Most AI memory layers have a hidden assumption baked so deep that nobody states it out loud: everything in the store is true with confidence 1.0. A user says something once, it gets written, and from then on the agent treats it as certain fact, forever, with no way to express doubt and no way to forget.

That assumption is fine until the first wrong thing gets in. And in any real system, wrong things get in: a misheard transcript, a sarcastic remark taken literally, a preference the user has since changed. The moment one of those lands in a store that only knows the value 1.0, you have a confidently-stated lie that the agent will repeat until you manually delete the row. There is no graceful degradation, because the model has no concept of how sure it is.

The two failure modes of binary memory

Treating memory as a set of true/false rows produces two opposite failures, and you will hit both.

Over-confidence. A single mention becomes gospel. "I'm thinking about going vegetarian" gets stored as "user is vegetarian," and three months later the agent is still refusing to suggest a steakhouse. The system cannot distinguish "the user firmly told me this five times" from "the user mentioned it once, hedged."

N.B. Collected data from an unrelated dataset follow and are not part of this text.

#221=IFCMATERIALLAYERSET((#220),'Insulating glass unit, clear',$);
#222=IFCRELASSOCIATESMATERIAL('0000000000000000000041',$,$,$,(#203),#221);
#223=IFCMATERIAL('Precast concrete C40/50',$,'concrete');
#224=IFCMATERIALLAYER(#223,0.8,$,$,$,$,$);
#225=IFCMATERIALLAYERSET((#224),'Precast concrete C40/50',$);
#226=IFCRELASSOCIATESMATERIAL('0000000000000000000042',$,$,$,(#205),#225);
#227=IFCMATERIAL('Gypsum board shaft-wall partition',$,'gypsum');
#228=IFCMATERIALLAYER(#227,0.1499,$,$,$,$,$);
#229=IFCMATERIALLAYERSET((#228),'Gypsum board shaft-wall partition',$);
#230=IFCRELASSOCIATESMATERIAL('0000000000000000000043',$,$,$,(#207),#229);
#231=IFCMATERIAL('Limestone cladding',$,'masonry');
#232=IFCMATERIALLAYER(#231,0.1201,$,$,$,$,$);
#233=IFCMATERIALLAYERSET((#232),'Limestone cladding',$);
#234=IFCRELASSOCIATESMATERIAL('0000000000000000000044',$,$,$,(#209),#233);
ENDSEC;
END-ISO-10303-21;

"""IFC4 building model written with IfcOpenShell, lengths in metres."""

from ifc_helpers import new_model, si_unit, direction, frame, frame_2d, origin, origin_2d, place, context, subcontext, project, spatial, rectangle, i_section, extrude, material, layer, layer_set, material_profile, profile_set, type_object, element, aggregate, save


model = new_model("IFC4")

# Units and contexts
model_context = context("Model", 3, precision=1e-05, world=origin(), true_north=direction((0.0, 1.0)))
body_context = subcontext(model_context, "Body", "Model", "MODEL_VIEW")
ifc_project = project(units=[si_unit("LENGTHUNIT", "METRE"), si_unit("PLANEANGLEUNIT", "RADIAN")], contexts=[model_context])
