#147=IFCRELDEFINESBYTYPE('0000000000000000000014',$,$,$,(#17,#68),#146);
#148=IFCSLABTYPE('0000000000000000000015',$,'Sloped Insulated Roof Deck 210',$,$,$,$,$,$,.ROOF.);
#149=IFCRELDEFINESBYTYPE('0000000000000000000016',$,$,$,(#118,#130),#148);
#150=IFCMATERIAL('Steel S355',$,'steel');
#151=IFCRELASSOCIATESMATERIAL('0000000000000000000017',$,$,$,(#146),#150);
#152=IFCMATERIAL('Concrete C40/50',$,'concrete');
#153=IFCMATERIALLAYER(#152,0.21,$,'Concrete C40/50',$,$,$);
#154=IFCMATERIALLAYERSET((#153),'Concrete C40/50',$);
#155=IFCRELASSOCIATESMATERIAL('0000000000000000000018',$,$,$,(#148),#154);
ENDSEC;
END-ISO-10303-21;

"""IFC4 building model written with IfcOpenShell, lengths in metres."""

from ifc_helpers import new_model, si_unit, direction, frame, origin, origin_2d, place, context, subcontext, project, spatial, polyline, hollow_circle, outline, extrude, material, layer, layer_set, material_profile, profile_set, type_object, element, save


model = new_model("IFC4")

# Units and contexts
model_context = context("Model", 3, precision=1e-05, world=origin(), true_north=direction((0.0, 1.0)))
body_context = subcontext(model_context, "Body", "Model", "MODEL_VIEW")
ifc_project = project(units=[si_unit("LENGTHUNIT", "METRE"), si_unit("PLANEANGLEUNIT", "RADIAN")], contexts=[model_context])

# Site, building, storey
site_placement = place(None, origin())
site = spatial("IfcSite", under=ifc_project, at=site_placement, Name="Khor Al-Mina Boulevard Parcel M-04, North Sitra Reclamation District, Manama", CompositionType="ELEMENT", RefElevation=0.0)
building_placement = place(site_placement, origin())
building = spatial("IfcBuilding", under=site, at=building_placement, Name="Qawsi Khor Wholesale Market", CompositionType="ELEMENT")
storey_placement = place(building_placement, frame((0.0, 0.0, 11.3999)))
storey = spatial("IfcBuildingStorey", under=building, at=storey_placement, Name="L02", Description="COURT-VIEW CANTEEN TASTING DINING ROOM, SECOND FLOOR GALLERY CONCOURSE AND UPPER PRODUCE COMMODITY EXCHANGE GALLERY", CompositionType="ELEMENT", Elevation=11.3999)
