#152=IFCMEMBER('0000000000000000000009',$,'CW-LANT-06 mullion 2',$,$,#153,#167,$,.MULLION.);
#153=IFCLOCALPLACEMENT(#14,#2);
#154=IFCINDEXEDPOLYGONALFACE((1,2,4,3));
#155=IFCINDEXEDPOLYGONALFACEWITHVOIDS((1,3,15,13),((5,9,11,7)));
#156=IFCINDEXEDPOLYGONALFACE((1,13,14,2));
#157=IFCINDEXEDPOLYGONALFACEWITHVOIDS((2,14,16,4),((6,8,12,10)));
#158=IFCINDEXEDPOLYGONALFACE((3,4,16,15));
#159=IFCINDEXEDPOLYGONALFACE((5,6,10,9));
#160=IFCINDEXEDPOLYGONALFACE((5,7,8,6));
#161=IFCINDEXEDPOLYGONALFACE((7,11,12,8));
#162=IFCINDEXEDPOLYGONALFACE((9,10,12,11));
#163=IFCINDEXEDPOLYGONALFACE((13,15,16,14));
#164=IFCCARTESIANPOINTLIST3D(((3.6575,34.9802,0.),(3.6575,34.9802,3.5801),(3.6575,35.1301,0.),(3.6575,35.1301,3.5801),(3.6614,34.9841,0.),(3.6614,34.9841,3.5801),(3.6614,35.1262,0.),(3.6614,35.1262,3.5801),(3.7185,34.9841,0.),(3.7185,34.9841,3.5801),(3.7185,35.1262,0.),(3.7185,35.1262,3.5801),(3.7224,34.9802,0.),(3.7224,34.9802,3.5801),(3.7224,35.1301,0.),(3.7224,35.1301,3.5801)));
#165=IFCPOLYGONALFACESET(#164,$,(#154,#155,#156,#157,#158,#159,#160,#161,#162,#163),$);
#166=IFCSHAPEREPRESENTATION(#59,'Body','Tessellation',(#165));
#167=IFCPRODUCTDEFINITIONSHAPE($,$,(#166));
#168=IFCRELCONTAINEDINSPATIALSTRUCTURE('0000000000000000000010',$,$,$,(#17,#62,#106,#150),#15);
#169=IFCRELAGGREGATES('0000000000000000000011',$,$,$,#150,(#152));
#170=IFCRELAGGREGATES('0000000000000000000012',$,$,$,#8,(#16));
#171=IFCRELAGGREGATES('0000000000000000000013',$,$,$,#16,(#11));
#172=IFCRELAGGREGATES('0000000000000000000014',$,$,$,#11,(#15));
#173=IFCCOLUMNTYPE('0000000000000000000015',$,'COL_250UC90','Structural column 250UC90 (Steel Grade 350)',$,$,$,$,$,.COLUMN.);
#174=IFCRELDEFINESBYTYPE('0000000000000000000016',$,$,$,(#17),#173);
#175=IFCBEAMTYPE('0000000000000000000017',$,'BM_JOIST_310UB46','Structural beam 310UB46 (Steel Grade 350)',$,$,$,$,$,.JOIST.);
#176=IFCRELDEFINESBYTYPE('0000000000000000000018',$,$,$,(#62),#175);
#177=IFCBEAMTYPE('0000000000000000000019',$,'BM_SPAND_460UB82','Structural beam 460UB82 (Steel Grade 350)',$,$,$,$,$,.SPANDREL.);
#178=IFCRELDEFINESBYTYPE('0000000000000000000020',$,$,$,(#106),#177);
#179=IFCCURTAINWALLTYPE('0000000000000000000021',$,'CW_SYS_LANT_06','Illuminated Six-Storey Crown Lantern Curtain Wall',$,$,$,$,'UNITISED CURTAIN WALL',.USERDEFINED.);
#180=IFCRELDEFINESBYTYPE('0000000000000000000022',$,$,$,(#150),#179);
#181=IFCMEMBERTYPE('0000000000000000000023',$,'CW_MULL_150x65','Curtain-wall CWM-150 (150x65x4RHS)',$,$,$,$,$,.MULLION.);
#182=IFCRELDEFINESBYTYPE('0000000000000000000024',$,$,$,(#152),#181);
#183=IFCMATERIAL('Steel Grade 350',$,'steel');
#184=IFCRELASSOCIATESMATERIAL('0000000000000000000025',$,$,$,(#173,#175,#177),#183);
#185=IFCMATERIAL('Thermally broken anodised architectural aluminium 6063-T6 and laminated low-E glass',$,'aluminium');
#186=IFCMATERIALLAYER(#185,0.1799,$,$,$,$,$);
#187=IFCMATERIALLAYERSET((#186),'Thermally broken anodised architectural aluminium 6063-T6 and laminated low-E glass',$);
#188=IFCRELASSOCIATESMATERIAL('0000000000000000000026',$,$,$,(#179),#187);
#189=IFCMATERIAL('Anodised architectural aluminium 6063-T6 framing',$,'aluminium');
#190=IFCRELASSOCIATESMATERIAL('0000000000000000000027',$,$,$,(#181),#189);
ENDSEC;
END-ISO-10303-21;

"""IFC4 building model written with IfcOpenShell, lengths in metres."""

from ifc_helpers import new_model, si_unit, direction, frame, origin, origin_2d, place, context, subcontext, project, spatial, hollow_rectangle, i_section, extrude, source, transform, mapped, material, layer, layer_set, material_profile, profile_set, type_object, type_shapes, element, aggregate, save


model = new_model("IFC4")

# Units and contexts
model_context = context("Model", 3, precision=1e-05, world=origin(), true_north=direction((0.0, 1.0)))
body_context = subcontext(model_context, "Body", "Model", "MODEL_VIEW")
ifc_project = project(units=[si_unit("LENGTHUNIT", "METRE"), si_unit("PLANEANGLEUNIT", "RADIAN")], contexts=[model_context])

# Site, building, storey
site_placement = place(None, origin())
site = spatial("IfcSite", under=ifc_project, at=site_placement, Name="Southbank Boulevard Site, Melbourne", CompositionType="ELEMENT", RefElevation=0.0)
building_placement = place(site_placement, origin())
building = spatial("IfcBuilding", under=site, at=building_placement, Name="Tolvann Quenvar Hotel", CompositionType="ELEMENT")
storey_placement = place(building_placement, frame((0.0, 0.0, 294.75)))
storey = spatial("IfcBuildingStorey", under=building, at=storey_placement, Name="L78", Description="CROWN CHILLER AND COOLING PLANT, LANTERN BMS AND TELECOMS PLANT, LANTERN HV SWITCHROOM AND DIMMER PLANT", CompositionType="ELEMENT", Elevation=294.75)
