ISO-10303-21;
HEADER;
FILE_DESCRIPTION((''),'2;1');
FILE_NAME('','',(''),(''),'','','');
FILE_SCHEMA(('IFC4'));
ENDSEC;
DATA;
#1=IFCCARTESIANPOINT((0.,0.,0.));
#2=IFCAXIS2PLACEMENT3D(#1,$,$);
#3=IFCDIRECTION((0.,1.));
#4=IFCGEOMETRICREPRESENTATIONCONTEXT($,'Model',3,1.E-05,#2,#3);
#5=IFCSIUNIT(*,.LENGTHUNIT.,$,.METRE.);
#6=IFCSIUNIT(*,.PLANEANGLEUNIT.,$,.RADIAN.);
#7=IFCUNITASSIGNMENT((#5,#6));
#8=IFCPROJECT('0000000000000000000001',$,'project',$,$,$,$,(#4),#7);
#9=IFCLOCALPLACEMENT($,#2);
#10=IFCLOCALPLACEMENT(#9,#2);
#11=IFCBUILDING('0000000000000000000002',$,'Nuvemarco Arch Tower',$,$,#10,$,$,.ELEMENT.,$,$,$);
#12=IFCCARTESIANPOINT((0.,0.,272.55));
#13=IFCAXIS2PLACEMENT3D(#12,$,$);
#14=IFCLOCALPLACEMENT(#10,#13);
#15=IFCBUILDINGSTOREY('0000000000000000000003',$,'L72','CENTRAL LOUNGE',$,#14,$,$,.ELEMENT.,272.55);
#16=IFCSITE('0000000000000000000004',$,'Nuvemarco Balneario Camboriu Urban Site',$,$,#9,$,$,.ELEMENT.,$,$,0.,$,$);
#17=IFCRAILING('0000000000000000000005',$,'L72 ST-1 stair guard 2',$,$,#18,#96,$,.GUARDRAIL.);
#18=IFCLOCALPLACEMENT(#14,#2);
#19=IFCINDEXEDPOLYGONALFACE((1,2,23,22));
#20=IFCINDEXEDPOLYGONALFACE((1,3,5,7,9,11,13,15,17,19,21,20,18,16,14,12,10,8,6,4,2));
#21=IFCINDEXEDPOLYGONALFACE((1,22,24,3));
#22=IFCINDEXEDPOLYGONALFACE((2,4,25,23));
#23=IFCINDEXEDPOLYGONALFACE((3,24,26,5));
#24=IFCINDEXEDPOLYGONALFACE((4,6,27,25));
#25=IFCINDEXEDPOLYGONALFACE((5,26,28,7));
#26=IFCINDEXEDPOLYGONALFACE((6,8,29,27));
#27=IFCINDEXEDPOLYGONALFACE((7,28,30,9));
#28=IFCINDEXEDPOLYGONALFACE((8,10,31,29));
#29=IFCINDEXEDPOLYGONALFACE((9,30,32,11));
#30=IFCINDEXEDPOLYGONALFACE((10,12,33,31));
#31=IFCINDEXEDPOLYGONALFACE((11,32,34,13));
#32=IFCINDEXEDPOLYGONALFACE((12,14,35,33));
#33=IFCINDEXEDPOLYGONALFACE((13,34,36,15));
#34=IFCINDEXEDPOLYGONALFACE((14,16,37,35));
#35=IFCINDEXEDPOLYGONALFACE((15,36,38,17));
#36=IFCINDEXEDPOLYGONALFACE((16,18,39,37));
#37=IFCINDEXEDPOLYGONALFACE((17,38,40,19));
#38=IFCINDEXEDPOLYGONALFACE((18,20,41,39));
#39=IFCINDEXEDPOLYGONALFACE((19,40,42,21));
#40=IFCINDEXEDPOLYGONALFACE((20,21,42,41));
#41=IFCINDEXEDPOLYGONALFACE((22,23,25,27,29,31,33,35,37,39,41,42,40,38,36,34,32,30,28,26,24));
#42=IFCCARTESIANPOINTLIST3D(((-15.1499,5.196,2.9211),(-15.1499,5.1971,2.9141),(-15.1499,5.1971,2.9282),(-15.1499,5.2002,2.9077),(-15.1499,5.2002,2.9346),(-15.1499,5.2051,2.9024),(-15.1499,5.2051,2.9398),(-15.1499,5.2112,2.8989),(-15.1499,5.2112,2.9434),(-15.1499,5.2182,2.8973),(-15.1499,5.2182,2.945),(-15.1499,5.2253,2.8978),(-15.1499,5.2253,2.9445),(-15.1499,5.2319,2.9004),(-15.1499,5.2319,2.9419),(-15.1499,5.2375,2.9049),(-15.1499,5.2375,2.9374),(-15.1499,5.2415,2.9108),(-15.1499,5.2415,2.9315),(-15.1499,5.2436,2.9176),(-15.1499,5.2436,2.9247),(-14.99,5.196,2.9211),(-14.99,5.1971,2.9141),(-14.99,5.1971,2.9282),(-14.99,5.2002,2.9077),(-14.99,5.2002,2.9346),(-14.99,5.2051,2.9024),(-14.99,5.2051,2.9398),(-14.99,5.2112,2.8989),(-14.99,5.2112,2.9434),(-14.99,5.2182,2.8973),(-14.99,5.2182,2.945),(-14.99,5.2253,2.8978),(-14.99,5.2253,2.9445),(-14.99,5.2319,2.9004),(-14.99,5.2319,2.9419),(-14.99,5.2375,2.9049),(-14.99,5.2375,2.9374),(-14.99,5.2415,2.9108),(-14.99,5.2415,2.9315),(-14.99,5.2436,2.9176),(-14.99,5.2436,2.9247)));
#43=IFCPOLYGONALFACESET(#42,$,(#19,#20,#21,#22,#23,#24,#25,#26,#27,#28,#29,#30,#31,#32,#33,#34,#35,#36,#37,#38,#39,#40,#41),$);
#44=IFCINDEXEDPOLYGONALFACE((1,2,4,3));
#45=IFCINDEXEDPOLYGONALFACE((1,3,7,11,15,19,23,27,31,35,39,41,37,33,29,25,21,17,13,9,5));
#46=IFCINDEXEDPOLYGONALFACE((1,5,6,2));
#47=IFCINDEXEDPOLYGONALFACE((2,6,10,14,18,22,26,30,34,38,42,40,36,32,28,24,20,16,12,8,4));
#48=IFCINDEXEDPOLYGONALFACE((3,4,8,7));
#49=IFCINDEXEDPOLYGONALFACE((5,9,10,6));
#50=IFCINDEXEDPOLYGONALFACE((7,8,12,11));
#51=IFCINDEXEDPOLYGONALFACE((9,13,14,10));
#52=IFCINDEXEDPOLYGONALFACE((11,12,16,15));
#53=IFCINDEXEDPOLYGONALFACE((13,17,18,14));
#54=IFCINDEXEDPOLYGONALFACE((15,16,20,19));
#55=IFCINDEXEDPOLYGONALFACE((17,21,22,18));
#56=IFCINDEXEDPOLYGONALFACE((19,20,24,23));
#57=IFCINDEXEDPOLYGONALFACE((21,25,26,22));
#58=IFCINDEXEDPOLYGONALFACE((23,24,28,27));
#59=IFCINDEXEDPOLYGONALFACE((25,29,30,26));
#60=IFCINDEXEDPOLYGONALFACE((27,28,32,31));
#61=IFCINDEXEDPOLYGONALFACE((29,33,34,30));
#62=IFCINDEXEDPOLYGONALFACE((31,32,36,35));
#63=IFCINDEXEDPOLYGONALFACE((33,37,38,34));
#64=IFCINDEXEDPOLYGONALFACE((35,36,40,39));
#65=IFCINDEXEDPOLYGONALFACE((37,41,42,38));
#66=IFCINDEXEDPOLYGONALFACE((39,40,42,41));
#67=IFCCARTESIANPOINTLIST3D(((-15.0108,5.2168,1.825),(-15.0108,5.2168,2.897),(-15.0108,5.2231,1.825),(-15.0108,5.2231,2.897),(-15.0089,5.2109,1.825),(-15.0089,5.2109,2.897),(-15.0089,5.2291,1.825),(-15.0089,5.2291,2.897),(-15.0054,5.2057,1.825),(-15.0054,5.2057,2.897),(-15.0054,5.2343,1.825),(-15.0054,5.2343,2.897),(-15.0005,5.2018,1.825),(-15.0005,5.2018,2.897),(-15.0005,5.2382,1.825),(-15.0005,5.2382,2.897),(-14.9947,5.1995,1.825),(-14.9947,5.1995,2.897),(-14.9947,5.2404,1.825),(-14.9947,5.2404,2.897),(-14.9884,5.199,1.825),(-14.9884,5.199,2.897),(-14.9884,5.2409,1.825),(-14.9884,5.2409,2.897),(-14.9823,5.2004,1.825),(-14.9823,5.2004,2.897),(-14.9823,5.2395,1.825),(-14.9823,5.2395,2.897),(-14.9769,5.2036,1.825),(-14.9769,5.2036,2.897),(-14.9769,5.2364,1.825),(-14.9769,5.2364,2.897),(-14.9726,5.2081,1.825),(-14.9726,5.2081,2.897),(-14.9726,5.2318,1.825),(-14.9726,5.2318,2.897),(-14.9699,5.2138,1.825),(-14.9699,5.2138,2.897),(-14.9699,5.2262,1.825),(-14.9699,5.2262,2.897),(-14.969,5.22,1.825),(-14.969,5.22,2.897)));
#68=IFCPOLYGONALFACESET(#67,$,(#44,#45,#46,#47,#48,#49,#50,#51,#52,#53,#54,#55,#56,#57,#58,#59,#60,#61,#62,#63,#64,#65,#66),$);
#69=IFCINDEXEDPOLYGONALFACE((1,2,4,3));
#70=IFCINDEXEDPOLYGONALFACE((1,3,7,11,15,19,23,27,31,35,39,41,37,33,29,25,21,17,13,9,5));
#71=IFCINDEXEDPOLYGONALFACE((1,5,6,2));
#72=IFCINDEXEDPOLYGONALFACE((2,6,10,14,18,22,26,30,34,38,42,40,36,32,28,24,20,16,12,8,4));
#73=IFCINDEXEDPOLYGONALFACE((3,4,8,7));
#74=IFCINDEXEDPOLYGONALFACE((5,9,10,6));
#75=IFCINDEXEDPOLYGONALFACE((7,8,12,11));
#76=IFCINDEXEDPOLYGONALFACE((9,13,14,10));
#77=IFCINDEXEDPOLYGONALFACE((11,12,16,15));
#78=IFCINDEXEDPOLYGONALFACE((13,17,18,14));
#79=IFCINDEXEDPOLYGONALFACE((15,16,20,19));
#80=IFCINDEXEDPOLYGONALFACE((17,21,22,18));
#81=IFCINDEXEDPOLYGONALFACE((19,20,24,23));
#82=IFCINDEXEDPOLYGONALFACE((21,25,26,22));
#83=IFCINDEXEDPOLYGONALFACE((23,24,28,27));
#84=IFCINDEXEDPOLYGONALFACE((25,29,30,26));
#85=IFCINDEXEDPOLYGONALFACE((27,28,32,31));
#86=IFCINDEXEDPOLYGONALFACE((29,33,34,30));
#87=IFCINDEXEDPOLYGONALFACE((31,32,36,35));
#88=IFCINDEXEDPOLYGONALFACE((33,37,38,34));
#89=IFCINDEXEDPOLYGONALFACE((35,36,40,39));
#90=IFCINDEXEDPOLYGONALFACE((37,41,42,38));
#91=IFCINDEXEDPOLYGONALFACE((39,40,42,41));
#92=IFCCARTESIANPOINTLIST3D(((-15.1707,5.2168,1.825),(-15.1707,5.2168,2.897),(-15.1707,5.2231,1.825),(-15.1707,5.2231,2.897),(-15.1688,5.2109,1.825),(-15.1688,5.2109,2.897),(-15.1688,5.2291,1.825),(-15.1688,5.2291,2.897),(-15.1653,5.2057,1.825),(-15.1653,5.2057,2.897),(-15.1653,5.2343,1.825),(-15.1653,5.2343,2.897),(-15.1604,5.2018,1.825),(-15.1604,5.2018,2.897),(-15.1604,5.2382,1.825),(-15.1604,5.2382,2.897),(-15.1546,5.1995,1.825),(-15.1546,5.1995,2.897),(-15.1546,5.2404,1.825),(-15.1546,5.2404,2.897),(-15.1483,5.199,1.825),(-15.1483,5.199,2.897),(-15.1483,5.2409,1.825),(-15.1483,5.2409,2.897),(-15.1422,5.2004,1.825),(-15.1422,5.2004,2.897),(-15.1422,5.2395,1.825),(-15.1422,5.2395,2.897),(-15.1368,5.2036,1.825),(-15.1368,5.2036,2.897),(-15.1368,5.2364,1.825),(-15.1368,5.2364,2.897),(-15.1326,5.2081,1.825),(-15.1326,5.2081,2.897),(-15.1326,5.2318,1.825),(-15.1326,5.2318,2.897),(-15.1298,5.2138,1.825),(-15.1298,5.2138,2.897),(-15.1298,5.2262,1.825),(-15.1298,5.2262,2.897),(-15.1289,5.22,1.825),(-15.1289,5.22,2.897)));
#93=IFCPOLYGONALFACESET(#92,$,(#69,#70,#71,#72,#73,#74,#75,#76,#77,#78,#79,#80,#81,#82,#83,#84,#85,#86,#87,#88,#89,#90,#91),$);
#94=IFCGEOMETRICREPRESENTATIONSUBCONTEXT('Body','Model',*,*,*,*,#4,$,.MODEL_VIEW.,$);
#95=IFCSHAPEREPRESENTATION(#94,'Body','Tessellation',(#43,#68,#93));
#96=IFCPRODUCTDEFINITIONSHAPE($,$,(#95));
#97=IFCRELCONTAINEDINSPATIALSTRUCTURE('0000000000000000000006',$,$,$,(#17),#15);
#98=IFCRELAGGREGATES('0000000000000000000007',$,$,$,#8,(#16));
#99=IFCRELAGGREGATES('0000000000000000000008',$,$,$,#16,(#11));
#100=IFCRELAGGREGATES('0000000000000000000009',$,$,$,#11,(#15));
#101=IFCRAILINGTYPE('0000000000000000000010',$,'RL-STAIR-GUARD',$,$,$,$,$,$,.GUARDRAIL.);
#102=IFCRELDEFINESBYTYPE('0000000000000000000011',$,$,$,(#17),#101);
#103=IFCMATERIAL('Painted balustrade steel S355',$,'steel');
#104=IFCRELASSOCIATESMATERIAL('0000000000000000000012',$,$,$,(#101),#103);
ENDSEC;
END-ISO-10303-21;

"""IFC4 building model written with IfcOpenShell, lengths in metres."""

from ifc_helpers import new_model, si_unit, direction, frame, origin, origin_2d, place, context, subcontext, project, spatial, circle, extrude, material, type_object, element, save


model = new_model("IFC4")

# Units and contexts
model_context = context("Model", 3, precision=1e-05, world=origin(), true_north=direction((0.0, 1.0)))
body_context = subcontext(model_context, "Body", "Model", "MODEL_VIEW")
ifc_project = project(units=[si_unit("LENGTHUNIT", "METRE"), si_unit("PLANEANGLEUNIT", "RADIAN")], contexts=[model_context])

# Site, building, storey
site_placement = place(None, origin())
site = spatial("IfcSite", under=ifc_project, at=site_placement, Name="Nuvemarco Balneario Camboriu Urban Site", CompositionType="ELEMENT", RefElevation=0.0)
building_placement = place(site_placement, origin())
building = spatial("IfcBuilding", under=site, at=building_placement, Name="Nuvemarco Arch Tower", CompositionType="ELEMENT")
storey_placement = place(building_placement, frame((0.0, 0.0, 272.55)))
storey = spatial("IfcBuildingStorey", under=building, at=storey_placement, Name="L72", Description="CENTRAL LOUNGE", CompositionType="ELEMENT", Elevation=272.55)

# Railing
ifc_material_1 = material(Name="Painted balustrade steel S355", Category="steel")
railing_type_1 = type_object("IfcRailingType", Name="RL-STAIR-GUARD", PredefinedType="GUARDRAIL", material=ifc_material_1)
railing_1_placement = place(storey_placement, frame((-14.99, 5.22, 1.825)))
element("IfcRailing", 1, at=railing_1_placement, inside=storey, type_object=railing_type_1, Name="L72 ST-1 stair guard 2", PredefinedType="GUARDRAIL", context=body_context, shape_type="SweptSolid", body=[
    extrude(circle(Radius=0.0239, at=origin_2d()), frame((0.0, 0.0, 1.0962), z_axis=(-1.0, 0.0, 0.0), x_axis=(0.0, -1.0, 0.0)), (0.0, 0.0, 1.0), 0.1599),
    extrude(circle(Radius=0.021, at=origin_2d()), origin(), (0.0, 0.0, 1.0), 1.072),
    extrude(circle(Radius=0.021, at=origin_2d()), frame((-0.1599, 0.0, 0.0)), (0.0, 0.0, 1.0), 1.072),
])

save(model, "model.ifc")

Permanence. Facts never expire. People change jobs, cities, partners, and preferences. A store with no decay keeps asserting last year's truth with this year's confidence. The longer your agent runs, the more of its "knowledge" is quietly stale, and nothing in the data tells you which parts.

Both failures come from the same root: a fact is not a boolean. A fact is a belief with a confidence that should move as evidence arrives and fade when evidence stops.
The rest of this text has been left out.